Lozan Antlaşması'nın bağlayıcılığı sadece Türkiye için değil tüm taraf devletler için geçerli. İçinde yer alan ve başka antlaşmalarla da sürdürülen hükümler de o hükümleri uygulamakla yükümlü olan tüm taraflar için bağlayıcı. Örneğin, bugün Yunanistan'ın hükümranlığında bulunan adaların silahsızlandırılmış statüde olmaları hükmü. Türkiye, ikinci yüzyılda uluslararası antlaşmalardan ve uluslararası hukuktan doğan tüm haklarını koruma konusunda kararlı, ısrarcı ve uyuşmazlıkları mutlaka diyalog ve diplomasi ile barışçı yollardan çözmeye azimli bir yönetim ile yönetilmeyi hak ediyor. Böyle bir yönetimin bu azmini çağdaş ve uygar bir yöntemle göstermesi de büyük önem taşıyor.
Türkiye'de yaşayan tüm yurttaşlarımız adil, eşitlikçi, temel hak ve özgürlüklerden yana hiçbir kısıtlamayla karşılaşmadıkları bir toplum düzeninin özlemini çekiyor.
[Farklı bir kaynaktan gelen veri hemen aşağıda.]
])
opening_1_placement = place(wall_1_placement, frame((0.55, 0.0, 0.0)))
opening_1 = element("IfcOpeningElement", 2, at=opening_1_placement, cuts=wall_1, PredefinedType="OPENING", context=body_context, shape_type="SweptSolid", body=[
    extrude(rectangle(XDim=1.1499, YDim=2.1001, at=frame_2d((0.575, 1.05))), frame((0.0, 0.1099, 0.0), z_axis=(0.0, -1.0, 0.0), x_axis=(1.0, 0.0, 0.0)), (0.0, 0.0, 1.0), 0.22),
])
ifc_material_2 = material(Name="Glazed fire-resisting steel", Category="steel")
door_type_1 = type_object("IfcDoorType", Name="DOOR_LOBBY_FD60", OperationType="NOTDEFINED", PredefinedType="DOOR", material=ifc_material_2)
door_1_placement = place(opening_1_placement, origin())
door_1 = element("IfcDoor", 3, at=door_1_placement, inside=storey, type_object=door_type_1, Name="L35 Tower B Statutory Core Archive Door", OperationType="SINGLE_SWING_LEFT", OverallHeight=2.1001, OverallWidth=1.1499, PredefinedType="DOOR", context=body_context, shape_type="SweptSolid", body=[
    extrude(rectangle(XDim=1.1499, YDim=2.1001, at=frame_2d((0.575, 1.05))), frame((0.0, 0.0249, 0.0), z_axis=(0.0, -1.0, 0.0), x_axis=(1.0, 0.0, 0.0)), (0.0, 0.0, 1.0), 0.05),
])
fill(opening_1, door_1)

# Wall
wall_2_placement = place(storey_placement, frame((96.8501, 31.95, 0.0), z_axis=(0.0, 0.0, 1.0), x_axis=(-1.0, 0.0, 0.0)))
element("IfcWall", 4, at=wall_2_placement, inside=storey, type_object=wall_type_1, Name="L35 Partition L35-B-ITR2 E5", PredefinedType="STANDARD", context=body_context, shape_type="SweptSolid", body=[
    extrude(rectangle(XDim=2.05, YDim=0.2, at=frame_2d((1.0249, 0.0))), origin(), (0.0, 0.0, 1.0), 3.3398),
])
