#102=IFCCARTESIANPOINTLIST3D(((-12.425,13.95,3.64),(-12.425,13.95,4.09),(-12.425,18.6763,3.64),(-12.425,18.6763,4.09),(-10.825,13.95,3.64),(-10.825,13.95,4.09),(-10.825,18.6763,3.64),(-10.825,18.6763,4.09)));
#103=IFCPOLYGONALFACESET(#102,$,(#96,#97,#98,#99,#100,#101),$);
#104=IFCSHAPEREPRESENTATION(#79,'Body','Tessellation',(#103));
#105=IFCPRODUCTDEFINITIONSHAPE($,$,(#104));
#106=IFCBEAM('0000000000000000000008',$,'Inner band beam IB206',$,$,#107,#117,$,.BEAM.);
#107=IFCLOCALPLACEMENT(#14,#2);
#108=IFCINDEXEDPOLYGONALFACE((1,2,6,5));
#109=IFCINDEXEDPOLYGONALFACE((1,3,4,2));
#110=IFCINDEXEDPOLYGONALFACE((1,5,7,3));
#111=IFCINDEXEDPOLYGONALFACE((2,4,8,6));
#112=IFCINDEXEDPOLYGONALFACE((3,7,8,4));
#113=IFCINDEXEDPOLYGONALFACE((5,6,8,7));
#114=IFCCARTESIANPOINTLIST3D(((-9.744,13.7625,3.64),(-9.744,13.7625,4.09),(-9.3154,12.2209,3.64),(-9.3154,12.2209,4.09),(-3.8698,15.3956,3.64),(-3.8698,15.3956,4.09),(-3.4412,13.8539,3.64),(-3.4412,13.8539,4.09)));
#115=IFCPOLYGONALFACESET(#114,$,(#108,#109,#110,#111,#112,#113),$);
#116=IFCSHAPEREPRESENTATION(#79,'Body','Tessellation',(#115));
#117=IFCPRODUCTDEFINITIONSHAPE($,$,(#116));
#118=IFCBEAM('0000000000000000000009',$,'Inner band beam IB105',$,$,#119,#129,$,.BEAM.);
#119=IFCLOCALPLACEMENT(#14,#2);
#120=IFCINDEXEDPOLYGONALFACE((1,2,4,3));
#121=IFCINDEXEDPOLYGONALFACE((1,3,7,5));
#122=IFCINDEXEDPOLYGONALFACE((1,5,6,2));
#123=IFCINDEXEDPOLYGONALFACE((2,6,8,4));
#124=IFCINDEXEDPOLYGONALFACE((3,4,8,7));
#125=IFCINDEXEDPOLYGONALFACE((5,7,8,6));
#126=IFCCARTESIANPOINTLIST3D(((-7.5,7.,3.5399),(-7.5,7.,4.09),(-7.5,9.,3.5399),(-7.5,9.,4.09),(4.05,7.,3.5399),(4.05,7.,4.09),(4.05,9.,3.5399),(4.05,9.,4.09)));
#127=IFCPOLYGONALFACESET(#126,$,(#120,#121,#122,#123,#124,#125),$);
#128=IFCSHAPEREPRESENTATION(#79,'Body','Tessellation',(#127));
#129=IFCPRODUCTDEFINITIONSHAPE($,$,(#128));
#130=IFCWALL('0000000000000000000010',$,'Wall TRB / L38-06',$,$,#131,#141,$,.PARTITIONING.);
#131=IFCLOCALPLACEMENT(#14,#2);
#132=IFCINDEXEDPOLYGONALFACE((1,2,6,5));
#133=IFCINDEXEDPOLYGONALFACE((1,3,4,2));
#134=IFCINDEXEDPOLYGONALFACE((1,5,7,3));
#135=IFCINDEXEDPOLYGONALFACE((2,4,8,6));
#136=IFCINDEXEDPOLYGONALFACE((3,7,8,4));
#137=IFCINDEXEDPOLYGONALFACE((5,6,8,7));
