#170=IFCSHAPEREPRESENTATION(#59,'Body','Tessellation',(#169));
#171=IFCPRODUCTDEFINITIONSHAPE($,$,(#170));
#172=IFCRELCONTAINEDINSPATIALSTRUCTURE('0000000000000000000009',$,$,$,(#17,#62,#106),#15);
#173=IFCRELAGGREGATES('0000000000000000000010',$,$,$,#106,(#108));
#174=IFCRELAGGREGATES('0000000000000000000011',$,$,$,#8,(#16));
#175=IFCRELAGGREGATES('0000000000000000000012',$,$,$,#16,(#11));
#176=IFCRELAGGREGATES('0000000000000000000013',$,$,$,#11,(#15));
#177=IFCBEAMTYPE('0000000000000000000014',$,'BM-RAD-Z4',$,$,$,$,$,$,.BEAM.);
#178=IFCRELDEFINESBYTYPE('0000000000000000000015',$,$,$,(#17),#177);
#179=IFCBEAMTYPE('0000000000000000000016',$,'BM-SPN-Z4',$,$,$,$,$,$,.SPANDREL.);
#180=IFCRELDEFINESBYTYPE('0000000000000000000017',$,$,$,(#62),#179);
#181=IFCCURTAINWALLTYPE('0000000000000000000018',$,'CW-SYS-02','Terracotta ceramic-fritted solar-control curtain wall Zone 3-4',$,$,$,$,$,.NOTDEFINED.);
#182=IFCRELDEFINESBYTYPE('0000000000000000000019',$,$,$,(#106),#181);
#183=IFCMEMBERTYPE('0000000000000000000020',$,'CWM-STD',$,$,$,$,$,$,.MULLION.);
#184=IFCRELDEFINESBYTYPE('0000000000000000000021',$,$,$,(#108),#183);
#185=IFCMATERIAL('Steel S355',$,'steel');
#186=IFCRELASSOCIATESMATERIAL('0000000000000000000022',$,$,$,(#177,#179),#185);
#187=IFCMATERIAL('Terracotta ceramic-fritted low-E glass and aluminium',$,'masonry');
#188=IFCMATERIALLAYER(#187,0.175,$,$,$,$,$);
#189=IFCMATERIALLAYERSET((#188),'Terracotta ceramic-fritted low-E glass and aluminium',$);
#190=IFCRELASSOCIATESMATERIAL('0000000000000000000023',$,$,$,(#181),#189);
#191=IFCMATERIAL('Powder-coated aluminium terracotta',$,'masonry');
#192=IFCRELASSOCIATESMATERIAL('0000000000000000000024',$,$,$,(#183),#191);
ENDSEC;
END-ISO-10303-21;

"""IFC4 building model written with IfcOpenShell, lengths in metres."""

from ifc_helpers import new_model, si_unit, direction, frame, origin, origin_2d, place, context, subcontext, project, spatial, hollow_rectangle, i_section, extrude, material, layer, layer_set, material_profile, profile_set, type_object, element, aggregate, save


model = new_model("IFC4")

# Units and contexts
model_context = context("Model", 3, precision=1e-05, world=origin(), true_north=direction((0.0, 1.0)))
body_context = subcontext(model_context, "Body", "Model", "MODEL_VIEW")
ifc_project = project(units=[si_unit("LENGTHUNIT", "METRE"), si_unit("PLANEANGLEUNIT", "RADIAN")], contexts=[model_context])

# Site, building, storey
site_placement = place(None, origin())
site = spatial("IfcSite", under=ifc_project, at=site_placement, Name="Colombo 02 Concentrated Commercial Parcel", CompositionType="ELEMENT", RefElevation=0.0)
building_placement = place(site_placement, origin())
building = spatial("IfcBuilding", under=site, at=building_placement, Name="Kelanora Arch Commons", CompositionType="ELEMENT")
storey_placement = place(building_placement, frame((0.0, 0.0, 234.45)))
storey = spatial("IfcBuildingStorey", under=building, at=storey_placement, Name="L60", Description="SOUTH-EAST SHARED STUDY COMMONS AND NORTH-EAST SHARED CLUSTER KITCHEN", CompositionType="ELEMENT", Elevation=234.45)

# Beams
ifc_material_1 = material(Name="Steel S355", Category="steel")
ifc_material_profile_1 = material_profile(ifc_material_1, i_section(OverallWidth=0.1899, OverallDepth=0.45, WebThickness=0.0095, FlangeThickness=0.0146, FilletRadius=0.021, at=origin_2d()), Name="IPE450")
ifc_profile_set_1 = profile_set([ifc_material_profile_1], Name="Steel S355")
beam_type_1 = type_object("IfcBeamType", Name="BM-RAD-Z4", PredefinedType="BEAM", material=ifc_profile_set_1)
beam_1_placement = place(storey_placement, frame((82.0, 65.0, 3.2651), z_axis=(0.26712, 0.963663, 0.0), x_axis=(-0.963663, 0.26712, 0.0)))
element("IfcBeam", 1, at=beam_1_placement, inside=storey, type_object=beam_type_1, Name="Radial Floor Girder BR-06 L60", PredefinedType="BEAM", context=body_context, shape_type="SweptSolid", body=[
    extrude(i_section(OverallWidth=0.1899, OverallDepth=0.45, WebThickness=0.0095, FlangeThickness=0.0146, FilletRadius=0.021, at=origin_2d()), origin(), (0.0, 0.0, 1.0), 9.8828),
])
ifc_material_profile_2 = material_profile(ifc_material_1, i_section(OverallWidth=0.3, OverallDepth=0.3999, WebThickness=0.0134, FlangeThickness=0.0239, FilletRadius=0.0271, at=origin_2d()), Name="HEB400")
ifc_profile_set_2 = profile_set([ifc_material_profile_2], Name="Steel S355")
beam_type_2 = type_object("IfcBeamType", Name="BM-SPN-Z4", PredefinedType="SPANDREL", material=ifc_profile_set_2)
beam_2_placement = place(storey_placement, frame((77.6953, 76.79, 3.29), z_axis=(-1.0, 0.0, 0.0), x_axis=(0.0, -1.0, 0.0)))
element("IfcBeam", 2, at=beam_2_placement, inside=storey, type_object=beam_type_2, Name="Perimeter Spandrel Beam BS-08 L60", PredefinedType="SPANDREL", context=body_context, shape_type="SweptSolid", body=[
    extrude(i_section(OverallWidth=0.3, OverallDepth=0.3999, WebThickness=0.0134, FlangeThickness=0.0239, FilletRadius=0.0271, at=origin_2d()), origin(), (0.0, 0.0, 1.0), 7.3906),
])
Yirmi birinci yüzyılın ilk çeyreğini bitirmeye doğru ilerliyoruz. Bu ilk çeyrekte bazı alanlarda kazanılmış olan hakların kalıcılığını ve bunların hiçbir şekilde geri döndürülemeyeceğini kabul etmek gerçekçi ve adil bir demokrasi anlayışının da temel direği olarak görülmeli.
Lakin, bir takım haklar kazanılırken bazı hakların kısıtlanmış olduğu gerçeğini de gözden uzak tutmamamız gerekiyor. Bugünün dünyasında küresel rekabette söz sahibi olabilmenin yolu insan hakları alanında giderek yaygınlaşan yeni evrensel değerlere saygı duymaktan geçiyor. Fikir ve ifade özgürlüğü, adil yargı, iklim değişikliği konusundaki duyarlılıklar, yaşam hakkı, geleceğine güvenle bakabilme hakkı, çevreye saygı, LGBTIQ+ hakları gibi konular artık temel insan hakları şemsiyesinin dışında görülmüyor. Türkiye'nin İstanbul Sözleşmesi gibi çağdaş değerlere sahip çıkan bir uluslararası belgeyi reddetmesi de ülkemizde yaşanan kadın hakları ihlallerinin önüne geçebilmenin yollarını ve güvencesini yok ediyor. Yeni bir düzen arayışı tüm bu eksiklikleri giderecek bir anlayışı da özlüyor.
Toplum düzeni, huzur, barışçı ve kavgadan uzak bir yaşam biçimi "yurtta sulh" anlayışının temel direğidir. İç politikada geçmişin kavgalarını insanımıza özgü hoşgörü anlayışı ile helâlleşerek kapatan, toplumsal uzlaşıyı yeni bir gelecek güvencesine dayalı olarak yerleştiren bir demokrasi anlayışı dış politikaya da aynı olumlu yansımayı sağlar. İşte o zaman, "yurtta sulh", "cihanda sulh" ile bütünleşir. Türkiye'nin dış politikada da böyle bir anlayışa ihtiyacı var. Bu anlayış Türkiye'nin tıkanan dış politikasının da önünü açacak, Avrupa Birliği ile yeniden yakınlaşmamızı sağlayacak, Türkiye'nin ikili sorunlarının da birer Türkiye-AB sorununa dönüştürülmesi hevesinde olanların önünü tıkayacaktır.
Türkiye'mizin gençleri ikinci yüzyılı kucaklamaya hevesle ve güçlü bir kararlılıkla hazırlanıyorlar. Atatürk'ün gençliğe hitabesinin vaktiyle ne kadar uzak görüşlü bir anlayışla yazıldığı ve ne büyük bir anlam taşıdığı bugün daha büyük bir netlik ve açıklık kazanıyor. Yolunuz açık olsun gençler, yolumuz açık olsun Türkiyem. İkinci yüzyılda her şey çok güzel olacak.